The first show to reconstruct classic early works, many in the original film loop format (like Bruce Nauman and Robert Morris), and most not seen, even by the artists themselves, since the late 60s and early 70s. The projected image has become a prominent feature of contemporary art.

The incorporation of large-scale moving images by artists into installations has a rich history, which, due to the ephemeral nature of the original artworks, is known more by reputation than through actual experience. Into the Light is the first museum exhibition to explore this history, re-constructing a number of classic works in film, video and slide installation from the mid 1960s to the mid 1970s, a decade which produced some of the most significant moving image installations in the history of modern art.

Informed by Process and Conceptual art, the phenomenology of Minimalism, experimental film, and performance's inclusion of the viewer as an actively participating presence, projected installations created a new language of artmaking, centred around an exploration of physical and psychological space. In Bruce Nauman's film installation Spinning Spheres (1970), the viewer's perception of space is disorientated by giant, reflective steel spheres spinning on all four walls of the gallery. After three minutes, each sphere slows to a halt. Its shiny metallic surface, like a concave mirror, reflects an image of a stable space similar to that occupied by the viewer, in which Nauman, film camera pointed towards the viewer, briefly appears, before the spinning resumes. This alternation between stable and disorienting environments creates a split in our perception of 'real' and projected space.

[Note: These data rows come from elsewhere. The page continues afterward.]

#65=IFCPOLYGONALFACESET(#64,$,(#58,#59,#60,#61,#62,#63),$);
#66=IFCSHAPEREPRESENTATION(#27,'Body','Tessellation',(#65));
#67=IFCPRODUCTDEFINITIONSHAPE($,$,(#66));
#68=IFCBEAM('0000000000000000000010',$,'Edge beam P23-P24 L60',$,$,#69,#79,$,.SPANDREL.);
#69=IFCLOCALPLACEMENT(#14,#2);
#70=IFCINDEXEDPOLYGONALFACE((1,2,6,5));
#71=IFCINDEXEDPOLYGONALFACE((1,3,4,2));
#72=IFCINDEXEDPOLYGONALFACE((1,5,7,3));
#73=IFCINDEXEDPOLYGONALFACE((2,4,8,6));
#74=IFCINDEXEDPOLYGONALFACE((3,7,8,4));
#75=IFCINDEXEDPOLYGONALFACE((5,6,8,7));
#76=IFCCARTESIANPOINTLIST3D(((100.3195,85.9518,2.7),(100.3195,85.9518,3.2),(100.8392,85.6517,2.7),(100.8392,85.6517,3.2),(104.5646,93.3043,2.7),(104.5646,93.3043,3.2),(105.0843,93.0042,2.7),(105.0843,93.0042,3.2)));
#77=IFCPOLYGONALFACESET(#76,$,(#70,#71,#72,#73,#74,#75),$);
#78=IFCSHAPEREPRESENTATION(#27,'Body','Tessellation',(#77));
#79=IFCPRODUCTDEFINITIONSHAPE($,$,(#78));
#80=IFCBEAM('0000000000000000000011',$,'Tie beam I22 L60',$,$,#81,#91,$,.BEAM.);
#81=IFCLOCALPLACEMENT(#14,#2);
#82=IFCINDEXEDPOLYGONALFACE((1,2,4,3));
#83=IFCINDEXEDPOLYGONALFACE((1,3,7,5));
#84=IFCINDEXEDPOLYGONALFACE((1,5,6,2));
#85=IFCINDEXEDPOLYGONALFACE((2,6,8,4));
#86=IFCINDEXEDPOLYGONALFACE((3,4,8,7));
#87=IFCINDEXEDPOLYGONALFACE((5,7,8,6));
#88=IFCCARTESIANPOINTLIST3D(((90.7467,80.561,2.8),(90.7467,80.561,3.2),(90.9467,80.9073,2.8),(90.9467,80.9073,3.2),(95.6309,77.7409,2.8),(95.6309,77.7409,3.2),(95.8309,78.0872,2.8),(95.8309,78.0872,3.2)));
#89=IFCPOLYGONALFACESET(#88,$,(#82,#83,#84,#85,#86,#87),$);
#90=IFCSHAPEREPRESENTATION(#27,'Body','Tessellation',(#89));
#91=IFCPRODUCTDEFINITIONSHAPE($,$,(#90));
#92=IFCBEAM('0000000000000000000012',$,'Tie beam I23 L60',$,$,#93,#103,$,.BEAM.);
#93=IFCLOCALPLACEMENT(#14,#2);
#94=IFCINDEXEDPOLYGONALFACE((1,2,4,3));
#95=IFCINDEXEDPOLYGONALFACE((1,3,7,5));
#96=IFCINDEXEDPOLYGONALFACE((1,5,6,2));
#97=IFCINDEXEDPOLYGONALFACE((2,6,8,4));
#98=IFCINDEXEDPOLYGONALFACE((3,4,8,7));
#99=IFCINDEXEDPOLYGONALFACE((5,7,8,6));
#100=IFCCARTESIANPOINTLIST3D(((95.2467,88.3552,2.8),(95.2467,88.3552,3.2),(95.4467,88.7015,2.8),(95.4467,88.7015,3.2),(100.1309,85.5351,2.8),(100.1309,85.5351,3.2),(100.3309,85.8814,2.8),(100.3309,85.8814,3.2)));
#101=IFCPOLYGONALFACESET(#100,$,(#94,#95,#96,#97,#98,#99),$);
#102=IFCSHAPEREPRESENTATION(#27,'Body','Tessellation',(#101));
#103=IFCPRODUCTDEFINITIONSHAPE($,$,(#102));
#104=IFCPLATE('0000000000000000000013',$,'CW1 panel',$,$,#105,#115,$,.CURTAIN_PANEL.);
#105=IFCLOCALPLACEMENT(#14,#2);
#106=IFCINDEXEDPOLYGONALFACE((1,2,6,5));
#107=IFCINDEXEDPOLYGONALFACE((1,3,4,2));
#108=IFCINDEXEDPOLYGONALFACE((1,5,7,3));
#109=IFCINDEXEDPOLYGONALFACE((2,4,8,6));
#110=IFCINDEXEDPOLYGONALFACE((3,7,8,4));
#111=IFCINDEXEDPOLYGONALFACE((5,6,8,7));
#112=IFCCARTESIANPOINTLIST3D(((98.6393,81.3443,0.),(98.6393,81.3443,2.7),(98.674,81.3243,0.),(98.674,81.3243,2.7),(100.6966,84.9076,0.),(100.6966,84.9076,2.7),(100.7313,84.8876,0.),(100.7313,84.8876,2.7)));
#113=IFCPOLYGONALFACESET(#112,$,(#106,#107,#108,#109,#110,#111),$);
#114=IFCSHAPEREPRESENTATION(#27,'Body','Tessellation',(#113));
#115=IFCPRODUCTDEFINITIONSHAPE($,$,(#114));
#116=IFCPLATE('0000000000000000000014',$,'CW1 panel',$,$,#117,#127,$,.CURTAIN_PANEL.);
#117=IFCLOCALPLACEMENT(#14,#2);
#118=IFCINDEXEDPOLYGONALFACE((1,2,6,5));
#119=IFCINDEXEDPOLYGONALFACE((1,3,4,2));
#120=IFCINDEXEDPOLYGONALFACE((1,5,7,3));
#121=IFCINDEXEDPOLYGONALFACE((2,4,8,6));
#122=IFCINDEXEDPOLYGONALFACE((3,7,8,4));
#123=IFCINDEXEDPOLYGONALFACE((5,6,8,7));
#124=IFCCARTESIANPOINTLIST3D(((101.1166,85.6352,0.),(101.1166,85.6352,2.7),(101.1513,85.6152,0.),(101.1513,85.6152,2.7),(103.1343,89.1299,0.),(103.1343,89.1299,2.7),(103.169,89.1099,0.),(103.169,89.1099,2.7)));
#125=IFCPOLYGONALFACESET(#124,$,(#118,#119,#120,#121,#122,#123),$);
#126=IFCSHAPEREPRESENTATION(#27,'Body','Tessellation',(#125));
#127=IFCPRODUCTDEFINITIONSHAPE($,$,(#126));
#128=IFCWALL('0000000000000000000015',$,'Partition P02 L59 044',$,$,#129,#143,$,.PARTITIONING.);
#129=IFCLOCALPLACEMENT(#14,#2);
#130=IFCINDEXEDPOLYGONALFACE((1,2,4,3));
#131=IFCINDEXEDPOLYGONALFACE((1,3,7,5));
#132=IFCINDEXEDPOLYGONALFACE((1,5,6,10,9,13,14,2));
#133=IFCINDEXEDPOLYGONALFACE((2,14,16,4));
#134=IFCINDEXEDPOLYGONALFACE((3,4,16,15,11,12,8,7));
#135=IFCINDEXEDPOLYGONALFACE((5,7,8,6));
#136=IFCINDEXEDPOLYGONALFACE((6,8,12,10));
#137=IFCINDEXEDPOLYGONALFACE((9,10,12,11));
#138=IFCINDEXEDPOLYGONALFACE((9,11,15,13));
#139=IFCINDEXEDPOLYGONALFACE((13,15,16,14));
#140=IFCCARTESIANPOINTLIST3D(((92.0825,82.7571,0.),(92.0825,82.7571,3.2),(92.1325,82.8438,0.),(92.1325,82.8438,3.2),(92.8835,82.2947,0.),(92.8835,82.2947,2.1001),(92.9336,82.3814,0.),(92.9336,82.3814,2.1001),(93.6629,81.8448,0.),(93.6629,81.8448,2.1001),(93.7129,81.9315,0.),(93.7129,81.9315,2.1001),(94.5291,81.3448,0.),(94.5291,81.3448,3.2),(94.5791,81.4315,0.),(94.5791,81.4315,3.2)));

The combination of formal architectural and psychological elements in Nauman's installation can also be found in Dennis Oppenheim's Echo (1973), in which four black and white projections of a hand slapping a wall fill the space with reverberating echoes, creating a syncopated rhythm evoking the work of composers such as Steve Reich and Philip Glass. Oppenheim's physical engagement with the gallery walls also suggests a state of psychological anxiety, transforming the environment from a static viewing space into an active experiential field.

Like Nauman and Oppenheim, many of the other installations in the exhibition are created through filmed actions. In Dan Graham's double projection Helix / Spiral (1973), a performer, standing in an empty Soho lot, slides the back of a camera across her body in a helix - shaped movement, filming a second performer, the artist Jeff Wall. In a projection on the opposite wall, he is seen filming the first performer, moving in a spiral towards her. The helix/spiral camerawork of both performers splits the cinematic image into two vertical and horizontal movements, in which the body's relationship to space is explored through the physical apparatus of the camera.

The creation of an image through action also occurs in Simone Forti's Untitled installation of 1977. A holographic image of Forti dancing is activated by the viewer's movement around the outside surface of a transparent plexiglas circle, which is placed on a simple orange-box and lit from underneath by a candle. Like the pre-cinematic structure of the zootrope, the image comes into being through circular movements, here made by the viewer , who 'performs' the work.

References to cinema recur in many of the installations in the exhibition, anticipating the widespread engagement with cinema by the current generation of younger artists. Some of these re-constructed installations demonstrate the first attempts to separate the cinematic image from the conventional single screen, constructing new readings of narrative and space. In Michael Snow's Two Sides to Every Story (1974), two films are projected onto either side of a large metal screen, suspended high above the viewer's head in the center of the gallery. The resulting split narrative is only fully readable when the viewer moves between one side of the screen and the other, creating a spatial and temporal rupture of the cinematic image which reappears in many subsequent installations, including those by Douglas Gordon, Bill Viola and Stan Douglas. Andy Warhol's film Lupe (1965) creates a similar split, here contained within the plane of a single, wide screen. The resulting interplay of narrative, as Warhol's star Edie Sedgewick plays out the drama of a Hollywood star's scandalous suicide, evokes recent double projection narrative pieces by artists such as Sam Taylor-Wood.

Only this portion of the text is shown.